Jordan Spieth Is Muttering Less and Smiling More

Jordan Spieth spent long stretches during post-round news conferences answering questions about what was wrong with him.

Or what was missing from his once prized golf game.

The world’s top-ranked men’s player for much of 2015-16 and the winner of three major championships in roughly the same period, Spieth had tumbled to 92nd in the world rankings by January of last year. His best finish at a 2020 major had been a tie for 46th.

In this time, Spieth handled the almost weekly inquisition about whether he would ever regain his form with poise and sincerity. For the most part, he kept his smile. But that smile is far wider now. With a rally in 2021 that included a second-place finish at the British Open and a surge this year that has included a 13th PGA Tour victory and two second-place finishes, Spieth has climbed back into the top 10 worldwide.
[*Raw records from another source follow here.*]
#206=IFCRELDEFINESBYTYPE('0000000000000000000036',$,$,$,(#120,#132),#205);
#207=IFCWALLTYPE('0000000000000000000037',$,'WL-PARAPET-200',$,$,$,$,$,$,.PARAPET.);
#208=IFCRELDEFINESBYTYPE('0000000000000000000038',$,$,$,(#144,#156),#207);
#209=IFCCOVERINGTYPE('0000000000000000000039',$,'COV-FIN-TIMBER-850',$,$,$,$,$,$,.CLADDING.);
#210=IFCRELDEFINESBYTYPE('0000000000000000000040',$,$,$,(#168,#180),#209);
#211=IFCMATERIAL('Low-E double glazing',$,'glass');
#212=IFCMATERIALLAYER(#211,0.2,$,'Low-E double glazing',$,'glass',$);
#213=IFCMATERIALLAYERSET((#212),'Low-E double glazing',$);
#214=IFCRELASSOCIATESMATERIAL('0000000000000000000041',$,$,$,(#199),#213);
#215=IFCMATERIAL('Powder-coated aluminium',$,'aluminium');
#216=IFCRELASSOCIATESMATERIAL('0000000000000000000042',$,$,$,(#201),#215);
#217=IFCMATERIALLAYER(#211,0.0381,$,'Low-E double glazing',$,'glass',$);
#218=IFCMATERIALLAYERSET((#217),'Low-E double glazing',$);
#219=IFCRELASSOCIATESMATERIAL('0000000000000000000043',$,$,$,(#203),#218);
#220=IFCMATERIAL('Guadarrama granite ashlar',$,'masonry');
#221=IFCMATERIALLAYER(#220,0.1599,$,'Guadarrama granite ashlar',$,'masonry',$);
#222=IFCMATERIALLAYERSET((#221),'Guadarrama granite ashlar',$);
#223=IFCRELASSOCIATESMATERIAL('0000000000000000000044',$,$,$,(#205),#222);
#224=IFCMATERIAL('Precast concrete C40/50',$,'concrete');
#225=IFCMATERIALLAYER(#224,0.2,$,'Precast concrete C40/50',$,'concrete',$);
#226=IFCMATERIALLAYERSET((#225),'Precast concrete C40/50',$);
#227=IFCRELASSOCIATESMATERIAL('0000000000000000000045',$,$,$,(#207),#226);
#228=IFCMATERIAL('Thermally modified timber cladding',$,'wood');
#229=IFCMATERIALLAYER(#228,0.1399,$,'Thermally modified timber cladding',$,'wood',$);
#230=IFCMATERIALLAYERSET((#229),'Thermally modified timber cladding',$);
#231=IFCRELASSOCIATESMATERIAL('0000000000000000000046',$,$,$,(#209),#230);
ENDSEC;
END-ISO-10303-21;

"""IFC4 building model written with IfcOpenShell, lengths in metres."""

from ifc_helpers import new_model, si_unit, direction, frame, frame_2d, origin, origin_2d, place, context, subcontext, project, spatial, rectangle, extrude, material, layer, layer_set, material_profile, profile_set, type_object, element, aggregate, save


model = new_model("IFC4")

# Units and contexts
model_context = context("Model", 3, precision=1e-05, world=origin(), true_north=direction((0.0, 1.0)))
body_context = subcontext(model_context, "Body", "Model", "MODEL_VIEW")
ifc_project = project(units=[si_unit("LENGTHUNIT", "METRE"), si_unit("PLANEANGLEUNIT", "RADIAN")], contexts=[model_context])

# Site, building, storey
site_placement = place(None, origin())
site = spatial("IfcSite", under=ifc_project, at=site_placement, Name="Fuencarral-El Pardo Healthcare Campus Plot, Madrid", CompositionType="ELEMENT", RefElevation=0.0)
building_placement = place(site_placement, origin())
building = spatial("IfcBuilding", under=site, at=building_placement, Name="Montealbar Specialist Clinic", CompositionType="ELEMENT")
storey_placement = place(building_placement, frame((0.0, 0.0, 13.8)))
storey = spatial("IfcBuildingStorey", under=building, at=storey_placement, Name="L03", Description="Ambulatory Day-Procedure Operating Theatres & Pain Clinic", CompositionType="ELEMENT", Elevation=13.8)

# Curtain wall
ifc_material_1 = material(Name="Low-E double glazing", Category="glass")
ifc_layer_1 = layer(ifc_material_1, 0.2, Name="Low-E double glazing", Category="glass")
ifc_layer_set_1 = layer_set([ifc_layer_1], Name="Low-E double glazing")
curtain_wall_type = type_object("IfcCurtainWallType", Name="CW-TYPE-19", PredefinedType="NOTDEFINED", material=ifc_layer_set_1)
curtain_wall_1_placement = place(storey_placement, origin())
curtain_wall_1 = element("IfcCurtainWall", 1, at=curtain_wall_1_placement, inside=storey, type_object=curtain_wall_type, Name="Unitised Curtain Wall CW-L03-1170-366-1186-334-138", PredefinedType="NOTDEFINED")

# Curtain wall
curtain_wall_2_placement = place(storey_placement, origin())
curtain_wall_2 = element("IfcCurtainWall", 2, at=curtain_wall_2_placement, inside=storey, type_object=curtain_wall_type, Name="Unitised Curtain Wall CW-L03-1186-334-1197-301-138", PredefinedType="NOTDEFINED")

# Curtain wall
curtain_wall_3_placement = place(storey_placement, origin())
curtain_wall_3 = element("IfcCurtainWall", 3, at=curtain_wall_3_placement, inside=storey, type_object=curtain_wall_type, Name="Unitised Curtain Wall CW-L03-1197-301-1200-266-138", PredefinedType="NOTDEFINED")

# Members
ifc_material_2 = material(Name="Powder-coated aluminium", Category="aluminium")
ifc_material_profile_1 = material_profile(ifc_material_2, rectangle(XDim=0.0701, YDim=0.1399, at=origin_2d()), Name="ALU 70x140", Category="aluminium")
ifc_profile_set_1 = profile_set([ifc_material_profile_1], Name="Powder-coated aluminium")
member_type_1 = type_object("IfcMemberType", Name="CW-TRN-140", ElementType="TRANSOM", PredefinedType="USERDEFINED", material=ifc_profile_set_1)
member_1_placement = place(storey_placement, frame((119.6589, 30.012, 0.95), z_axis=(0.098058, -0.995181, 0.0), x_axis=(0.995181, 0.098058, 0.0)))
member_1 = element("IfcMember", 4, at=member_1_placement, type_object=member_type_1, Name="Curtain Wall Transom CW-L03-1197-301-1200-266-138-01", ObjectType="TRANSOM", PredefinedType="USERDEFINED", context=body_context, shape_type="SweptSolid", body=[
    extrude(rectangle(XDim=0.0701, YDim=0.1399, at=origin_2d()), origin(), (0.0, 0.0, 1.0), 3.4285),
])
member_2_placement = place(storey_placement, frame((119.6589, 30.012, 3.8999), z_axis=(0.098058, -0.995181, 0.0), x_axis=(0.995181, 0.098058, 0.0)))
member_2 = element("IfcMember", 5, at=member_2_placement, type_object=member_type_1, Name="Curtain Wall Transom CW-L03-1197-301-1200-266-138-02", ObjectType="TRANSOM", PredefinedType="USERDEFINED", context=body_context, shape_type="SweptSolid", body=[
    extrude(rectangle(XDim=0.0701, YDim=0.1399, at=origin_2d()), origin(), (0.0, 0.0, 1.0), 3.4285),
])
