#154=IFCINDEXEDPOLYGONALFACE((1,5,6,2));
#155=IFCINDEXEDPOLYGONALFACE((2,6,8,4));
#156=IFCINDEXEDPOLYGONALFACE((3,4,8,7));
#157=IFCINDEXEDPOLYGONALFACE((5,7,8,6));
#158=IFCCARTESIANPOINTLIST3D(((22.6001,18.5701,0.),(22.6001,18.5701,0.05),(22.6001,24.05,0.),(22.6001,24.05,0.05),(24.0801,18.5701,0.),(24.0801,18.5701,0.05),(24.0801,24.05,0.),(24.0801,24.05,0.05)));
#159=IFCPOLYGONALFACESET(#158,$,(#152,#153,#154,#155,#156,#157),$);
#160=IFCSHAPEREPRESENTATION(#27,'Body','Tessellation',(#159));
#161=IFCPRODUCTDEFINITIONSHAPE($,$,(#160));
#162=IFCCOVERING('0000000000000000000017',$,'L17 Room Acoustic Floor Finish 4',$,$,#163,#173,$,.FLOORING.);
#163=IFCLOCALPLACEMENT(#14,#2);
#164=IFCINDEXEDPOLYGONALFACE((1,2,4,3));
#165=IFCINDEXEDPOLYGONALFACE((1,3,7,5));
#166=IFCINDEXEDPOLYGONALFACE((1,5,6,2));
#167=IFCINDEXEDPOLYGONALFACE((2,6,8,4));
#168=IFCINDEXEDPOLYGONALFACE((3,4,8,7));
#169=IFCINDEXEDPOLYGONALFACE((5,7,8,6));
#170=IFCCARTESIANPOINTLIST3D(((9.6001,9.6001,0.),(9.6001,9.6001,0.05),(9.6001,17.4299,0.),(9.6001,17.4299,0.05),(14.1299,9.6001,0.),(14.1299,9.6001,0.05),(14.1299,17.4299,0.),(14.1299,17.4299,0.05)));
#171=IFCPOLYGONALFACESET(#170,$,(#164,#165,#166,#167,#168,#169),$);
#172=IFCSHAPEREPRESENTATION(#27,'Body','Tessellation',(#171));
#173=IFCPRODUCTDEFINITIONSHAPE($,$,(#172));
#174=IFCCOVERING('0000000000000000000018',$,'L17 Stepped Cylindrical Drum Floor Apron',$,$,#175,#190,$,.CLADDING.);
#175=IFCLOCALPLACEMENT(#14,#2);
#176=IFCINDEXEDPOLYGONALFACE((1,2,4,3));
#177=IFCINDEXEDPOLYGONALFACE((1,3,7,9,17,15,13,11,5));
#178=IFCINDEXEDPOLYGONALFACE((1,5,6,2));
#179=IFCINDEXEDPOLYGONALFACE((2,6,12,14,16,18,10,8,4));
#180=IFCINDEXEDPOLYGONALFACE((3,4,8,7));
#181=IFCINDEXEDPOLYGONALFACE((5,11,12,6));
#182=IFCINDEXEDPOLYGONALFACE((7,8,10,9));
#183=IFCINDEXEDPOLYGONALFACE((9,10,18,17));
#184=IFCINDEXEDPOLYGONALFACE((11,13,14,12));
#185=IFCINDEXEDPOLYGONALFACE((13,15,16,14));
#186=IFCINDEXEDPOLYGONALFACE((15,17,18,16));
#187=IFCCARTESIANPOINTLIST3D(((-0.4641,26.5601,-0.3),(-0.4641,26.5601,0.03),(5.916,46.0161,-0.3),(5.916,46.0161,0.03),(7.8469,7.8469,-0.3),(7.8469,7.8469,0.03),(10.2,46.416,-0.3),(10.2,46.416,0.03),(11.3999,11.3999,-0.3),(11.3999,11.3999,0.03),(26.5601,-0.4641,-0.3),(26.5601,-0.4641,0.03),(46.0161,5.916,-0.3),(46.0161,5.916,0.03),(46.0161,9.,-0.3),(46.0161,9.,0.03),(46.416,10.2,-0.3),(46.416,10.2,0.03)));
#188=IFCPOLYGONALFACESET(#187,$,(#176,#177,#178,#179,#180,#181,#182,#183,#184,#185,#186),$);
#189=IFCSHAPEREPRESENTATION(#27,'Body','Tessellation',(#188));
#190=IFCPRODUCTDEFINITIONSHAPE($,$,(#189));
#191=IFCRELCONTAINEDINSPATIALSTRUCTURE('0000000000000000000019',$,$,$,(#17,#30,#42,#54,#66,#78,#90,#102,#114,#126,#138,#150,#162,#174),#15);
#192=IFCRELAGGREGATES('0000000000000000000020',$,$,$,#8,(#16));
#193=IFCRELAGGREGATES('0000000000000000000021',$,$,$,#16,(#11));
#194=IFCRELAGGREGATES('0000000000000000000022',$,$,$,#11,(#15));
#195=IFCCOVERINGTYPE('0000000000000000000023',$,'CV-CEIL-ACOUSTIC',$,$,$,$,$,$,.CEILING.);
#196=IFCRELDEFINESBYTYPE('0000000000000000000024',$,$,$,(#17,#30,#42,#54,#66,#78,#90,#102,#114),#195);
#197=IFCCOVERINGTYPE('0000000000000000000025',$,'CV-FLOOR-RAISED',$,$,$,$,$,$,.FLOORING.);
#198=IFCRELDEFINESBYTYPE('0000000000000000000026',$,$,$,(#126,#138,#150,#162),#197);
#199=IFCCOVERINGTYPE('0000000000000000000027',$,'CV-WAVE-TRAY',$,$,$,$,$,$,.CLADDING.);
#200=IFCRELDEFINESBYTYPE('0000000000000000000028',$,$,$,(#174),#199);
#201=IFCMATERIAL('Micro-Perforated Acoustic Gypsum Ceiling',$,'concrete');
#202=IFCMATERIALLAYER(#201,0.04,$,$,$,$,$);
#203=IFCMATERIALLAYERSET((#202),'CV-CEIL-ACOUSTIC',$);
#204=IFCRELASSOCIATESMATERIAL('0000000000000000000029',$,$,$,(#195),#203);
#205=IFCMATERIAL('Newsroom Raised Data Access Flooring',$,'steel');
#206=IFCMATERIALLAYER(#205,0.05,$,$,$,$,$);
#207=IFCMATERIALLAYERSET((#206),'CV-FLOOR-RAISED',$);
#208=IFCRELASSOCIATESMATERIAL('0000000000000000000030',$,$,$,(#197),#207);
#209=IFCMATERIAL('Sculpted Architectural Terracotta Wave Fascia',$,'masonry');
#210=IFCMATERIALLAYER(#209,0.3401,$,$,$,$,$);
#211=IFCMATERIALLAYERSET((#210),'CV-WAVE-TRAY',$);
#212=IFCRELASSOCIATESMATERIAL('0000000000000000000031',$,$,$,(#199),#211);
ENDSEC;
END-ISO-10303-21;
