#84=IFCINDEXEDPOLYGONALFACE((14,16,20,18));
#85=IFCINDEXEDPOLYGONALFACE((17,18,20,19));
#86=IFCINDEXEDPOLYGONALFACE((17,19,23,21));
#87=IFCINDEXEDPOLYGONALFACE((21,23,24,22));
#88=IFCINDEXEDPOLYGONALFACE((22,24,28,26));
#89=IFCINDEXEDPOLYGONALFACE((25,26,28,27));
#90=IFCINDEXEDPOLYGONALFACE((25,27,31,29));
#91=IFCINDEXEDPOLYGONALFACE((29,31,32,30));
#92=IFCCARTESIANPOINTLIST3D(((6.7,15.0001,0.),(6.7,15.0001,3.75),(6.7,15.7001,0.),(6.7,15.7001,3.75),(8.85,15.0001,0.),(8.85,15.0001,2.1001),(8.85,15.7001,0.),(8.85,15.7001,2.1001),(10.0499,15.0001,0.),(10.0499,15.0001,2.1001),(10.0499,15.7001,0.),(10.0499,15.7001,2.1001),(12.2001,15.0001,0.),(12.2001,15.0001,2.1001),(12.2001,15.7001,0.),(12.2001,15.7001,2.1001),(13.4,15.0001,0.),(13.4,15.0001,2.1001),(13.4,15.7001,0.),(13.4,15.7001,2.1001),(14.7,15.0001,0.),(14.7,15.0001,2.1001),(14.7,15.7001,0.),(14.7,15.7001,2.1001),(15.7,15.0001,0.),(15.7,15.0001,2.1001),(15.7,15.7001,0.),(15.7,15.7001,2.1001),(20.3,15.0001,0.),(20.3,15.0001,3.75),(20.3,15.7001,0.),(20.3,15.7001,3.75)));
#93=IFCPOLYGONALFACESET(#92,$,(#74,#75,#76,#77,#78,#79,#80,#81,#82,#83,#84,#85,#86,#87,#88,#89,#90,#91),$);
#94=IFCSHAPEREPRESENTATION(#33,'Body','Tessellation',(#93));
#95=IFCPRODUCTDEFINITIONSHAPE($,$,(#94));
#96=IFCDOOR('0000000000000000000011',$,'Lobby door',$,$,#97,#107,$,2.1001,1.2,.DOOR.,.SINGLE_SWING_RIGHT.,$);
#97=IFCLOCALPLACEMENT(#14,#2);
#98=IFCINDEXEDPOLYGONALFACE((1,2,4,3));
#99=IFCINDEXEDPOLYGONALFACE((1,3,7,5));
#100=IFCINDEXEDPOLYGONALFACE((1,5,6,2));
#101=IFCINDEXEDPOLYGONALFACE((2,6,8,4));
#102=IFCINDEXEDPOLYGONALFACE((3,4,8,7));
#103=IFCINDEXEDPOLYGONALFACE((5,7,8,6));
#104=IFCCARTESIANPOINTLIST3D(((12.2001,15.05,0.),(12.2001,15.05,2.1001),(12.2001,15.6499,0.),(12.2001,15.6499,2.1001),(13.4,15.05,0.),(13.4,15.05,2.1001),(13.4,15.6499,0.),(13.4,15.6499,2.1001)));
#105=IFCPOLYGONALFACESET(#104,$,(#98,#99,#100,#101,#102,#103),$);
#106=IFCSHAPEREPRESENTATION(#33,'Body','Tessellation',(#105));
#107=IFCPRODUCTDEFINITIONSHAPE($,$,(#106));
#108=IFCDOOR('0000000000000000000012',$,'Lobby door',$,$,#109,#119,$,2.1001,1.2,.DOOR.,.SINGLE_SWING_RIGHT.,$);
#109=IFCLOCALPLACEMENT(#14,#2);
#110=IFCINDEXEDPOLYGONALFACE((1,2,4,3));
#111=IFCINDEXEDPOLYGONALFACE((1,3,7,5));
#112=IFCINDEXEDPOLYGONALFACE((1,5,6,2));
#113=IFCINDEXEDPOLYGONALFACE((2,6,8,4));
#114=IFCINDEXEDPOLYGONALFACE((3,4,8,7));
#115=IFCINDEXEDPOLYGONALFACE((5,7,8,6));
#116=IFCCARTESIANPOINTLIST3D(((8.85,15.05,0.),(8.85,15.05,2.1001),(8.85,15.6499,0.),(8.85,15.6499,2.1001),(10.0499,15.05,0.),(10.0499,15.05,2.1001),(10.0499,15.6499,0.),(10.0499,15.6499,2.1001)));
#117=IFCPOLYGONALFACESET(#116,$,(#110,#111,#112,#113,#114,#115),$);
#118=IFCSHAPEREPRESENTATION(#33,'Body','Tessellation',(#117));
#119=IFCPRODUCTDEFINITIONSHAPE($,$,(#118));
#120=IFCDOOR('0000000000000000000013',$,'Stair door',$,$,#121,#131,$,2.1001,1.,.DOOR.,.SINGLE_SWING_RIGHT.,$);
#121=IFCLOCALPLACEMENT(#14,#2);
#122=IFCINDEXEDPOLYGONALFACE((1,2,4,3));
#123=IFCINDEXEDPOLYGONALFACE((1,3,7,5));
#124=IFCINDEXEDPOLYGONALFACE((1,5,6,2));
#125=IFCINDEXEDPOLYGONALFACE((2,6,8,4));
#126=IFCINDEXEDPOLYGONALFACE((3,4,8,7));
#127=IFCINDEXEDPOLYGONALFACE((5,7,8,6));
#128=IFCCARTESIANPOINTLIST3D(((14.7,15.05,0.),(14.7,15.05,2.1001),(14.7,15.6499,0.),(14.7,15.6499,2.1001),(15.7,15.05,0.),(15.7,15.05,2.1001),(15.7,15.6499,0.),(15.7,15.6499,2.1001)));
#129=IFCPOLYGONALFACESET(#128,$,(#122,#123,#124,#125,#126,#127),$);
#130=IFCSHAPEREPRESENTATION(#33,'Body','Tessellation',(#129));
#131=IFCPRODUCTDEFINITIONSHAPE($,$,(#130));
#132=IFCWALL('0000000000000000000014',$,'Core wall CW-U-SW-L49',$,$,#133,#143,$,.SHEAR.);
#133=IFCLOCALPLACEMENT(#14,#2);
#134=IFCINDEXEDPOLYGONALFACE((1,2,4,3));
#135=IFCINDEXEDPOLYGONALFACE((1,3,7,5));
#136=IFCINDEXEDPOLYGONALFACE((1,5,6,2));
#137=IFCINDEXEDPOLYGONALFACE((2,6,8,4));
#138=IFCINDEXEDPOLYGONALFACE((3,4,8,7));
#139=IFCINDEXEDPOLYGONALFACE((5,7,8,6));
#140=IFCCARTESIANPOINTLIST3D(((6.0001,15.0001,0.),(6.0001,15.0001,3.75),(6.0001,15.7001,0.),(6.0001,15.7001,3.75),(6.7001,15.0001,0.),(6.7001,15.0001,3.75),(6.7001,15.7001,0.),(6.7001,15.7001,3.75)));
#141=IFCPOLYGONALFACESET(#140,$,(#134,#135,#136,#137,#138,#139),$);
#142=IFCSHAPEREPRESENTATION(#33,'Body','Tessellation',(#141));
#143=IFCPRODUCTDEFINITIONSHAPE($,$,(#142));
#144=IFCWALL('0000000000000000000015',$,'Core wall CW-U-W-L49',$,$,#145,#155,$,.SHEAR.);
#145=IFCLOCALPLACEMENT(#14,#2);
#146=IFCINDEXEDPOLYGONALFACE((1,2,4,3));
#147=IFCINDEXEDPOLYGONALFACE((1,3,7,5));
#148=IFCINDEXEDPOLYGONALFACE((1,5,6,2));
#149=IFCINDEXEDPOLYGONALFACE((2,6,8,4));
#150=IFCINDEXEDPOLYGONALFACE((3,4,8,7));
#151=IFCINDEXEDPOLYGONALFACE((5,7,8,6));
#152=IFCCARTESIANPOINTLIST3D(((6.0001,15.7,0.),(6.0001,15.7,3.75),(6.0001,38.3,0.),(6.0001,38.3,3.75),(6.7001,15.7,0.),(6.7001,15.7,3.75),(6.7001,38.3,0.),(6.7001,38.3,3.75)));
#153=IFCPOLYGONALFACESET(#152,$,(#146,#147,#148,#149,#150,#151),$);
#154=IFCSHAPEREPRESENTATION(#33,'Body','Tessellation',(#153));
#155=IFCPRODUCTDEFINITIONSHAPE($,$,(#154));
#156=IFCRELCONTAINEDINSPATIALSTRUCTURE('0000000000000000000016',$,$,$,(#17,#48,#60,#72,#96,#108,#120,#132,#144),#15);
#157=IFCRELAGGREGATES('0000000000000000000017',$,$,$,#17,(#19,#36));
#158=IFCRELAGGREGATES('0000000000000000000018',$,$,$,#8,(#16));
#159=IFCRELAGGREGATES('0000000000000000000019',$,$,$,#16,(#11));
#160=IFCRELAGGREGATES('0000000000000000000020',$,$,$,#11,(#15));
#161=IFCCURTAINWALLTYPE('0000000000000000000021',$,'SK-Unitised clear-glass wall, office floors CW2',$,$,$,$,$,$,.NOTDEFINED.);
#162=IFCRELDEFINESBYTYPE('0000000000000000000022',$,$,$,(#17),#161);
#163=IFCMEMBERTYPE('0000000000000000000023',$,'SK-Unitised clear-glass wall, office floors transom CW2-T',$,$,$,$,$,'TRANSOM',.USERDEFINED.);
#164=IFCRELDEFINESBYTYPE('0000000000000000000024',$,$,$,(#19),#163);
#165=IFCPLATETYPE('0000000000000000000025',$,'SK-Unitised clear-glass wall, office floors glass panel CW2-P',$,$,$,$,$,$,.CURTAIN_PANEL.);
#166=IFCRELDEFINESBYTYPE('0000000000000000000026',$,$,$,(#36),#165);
On Wednesday, one day before the first round of the 2022 P.G.A. Championship, Spieth met with reporters and happily spent most of his time answering questions about whether he might achieve a measure of golfing immortality this week.

Jordan Spieth chipped to the green on Wednesday while practicing for the P.G.A. Championship in Tulsa, Okla.Credit…Matt York/Associated Press
Only five golfers — Gene Sarazen, Ben Hogan, Gary Player, Jack Nicklaus and Tiger Woods — have won each of the game’s major championships. With victories at the Masters, the U.S. Open and the British Open, Spieth, 28, needs only a P.G.A. Championship title to join that gilded group.

“It’s the elephant in the room for me,” Spieth said Wednesday with a small grin. “If you told me I was going to win one tournament the rest of my life, I’d say I want to win this one. Long term, it would be really cool to say that you captured the four biggest golf tournaments in the world that are played in different parts of the world and different styles, too. So you feel like you kind of accomplished golf when you win a career Grand Slam.”

Accomplished golf? As in mastered it? That’s an almost celestial ambition in a sport that keeps almost all of its devotees cruelly grounded on a regular basis. But Spieth can be forgiven. When his game was in an abyss, he endured many months muttering to himself as he marched off the tee on his way to the high rough. And no golfer mutters to himself so systematically, indeed professionally, with the zany zeal that Spieth exhibits.

Even with his golf ball sailing straight and farther now, Spieth has not stopped his frequent self-commentary on the golf course, always with his forbearing caddie, Michael Greller, the former sixth grade math teacher, nodding silently as he walks alongside his boss.

Greller’s role should not be underestimated given Spieth’s active brain (and mouth). Spieth acknowledged as much Wednesday.

“I’ve been trying to really have some fun more, and Michael does a good job with that,” Spieth said. “If I wake up tomorrow a little on the wrong side of the bed, as we all do, he’ll try and talk to me about something other than golf. He’ll step in, and having kind of a friend on the bag that can keep it light can sometimes turn things in that direction.”